Betrüger infiltrieren Online-Fangruppen

In Thailand hören Abgeordnete eine Beschwerde von 126 Fans, die von einem Angebot hereingefallen sind, um sie „in die Schlange“ für Karten zu helfen. Betrüger haben auch Online-Fangruppen infiltriert und versprechen exklusiven Zugang oder niedrigere Preise. Sobald das Geld gewechselt hat, verschwinden sie. Manche bieten sogar „Vollmachtformulare“ an – normalerweise verwendet, um Entscheidungsbefugnis an jemand anderen abzugeben –, um Opfer zu überzeugen, dass die Karten echt seien. Diese Taktiken sind so bekannt, dass Behörden mehrere Warnungen ausgegeben haben. Doch Fans fallen weiterhin darauf herein.

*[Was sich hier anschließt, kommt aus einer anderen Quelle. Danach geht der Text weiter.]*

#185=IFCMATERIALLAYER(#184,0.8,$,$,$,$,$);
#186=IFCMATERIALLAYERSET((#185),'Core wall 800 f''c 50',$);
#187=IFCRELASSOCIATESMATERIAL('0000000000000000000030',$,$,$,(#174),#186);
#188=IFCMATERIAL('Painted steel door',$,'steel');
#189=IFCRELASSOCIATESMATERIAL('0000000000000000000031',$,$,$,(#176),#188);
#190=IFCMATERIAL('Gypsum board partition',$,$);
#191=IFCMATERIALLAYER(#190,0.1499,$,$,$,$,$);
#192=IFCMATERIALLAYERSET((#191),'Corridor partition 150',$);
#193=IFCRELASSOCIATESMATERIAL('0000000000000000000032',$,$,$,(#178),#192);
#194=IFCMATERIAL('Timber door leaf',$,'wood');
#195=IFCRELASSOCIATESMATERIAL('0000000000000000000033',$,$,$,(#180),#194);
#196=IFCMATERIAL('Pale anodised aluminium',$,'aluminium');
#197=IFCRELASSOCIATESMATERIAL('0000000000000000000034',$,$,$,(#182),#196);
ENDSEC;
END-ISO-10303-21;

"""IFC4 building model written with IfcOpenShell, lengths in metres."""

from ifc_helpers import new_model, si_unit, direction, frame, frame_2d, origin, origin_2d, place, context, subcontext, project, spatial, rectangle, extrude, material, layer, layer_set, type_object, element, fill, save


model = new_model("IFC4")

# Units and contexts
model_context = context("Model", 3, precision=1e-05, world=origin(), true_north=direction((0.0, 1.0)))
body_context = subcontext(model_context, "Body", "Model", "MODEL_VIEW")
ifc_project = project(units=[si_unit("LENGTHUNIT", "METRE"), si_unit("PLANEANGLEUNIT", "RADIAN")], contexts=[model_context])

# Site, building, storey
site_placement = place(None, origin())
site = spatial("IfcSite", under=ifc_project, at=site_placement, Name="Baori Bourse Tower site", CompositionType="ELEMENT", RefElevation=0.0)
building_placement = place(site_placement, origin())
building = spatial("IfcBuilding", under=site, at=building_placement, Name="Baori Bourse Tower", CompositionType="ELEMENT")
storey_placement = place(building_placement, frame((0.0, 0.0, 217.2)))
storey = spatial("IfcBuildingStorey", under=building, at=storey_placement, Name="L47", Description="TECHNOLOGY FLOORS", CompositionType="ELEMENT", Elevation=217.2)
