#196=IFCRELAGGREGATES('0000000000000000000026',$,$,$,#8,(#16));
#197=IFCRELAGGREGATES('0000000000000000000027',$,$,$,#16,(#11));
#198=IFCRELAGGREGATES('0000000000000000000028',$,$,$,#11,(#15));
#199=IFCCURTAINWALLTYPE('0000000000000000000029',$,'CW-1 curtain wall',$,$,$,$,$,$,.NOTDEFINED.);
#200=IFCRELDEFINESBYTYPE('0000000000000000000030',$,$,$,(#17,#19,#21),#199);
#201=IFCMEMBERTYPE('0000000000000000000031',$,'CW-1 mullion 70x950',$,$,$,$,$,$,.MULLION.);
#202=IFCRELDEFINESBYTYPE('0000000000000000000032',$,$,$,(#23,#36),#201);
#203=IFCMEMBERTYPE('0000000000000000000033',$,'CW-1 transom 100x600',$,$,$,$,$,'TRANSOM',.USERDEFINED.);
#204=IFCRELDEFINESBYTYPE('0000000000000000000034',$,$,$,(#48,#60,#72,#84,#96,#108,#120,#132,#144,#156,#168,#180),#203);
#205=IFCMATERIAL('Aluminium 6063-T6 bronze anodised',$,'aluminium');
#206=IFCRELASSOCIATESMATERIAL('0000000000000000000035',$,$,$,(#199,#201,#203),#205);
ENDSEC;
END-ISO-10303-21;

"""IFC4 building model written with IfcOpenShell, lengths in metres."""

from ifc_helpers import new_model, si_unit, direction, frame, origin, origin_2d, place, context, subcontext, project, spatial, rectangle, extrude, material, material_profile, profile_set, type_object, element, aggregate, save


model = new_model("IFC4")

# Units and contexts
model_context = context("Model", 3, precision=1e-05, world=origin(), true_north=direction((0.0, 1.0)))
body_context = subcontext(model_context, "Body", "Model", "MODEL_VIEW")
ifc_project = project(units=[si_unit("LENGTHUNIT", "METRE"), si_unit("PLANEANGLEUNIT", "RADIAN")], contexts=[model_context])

Kartenbedarf übersteigt Angebot

Die Tour, die im April begann und sich bis weit in das Jahr 2027 erstreckt, wird 34 Städte umfassen. BTS und ihr Label HYBE könnten fast 2 Milliarden Dollar (1,5 Milliarden Pfund) aus ihrem Wiedersehen mit Konzerten, Merchandise, Lizenzen, Albumverkäufen und Streaming-Umsätzen einnehmen, sagten einige Analysten der Nachrichtenagentur Reuters. In ganz Asien übersteigt die Zahl der Menschen, die Karten anpeilen, das verfügbare Angebot um das 15-Fache, berichtet der BBC. Weil die Nachfrage so groß ist, fügen sie weiterhin neue Termine hinzu. Nur letzte Woche erhielten Jakarta und Bulacan in den Philippinen jeweils eine dritte Vorstellung. Als der neue Termin bekannt gegeben wurde, entschloss sich Vevee, „wieder um diese Karten zu kämpfen“, aber diesmal über offizielle Kanäle, erklärt sie. „Ich war kurz vor einem Meeting an der Arbeit und fürchtete, dass jemand anderes die Karten schnappen könnte. Ich wollte einfach schnell das Geld überweisen, um sie zu sichern“, sagt sie. „Wenn ich nur einen Moment lang ruhig geblieben wäre, hätte ich die roten Flaggen vielleicht bemerkt.“

In Singapur erhielt die Polizei seit dem 1. Juni mindestens 62 Beschwerden zu BTS-Konzertkarten, wobei die Verluste mehr als 68.000 Singapur-Dollar betrugen. Der E-Commerce-Unternehmen Carousell hat den Weiterverkauf von Karten auf seiner Plattform ausgesetzt, und das Verbot gilt bis zum 22. Dezember, dem Datum des letzten Konzerts von BTS in Singapur. Letzte Woche teilten die malaysischen Behörden mit, dass sie 28 Berichte von Personen erhalten hätten, die angegeben hatten, Opfer von Betrug geworden zu sein, während sie versuchten, Karten zu sichern. Behörden versuchen, Konten zu verfolgen, die in den Transaktionen beteiligt waren, sagten sie.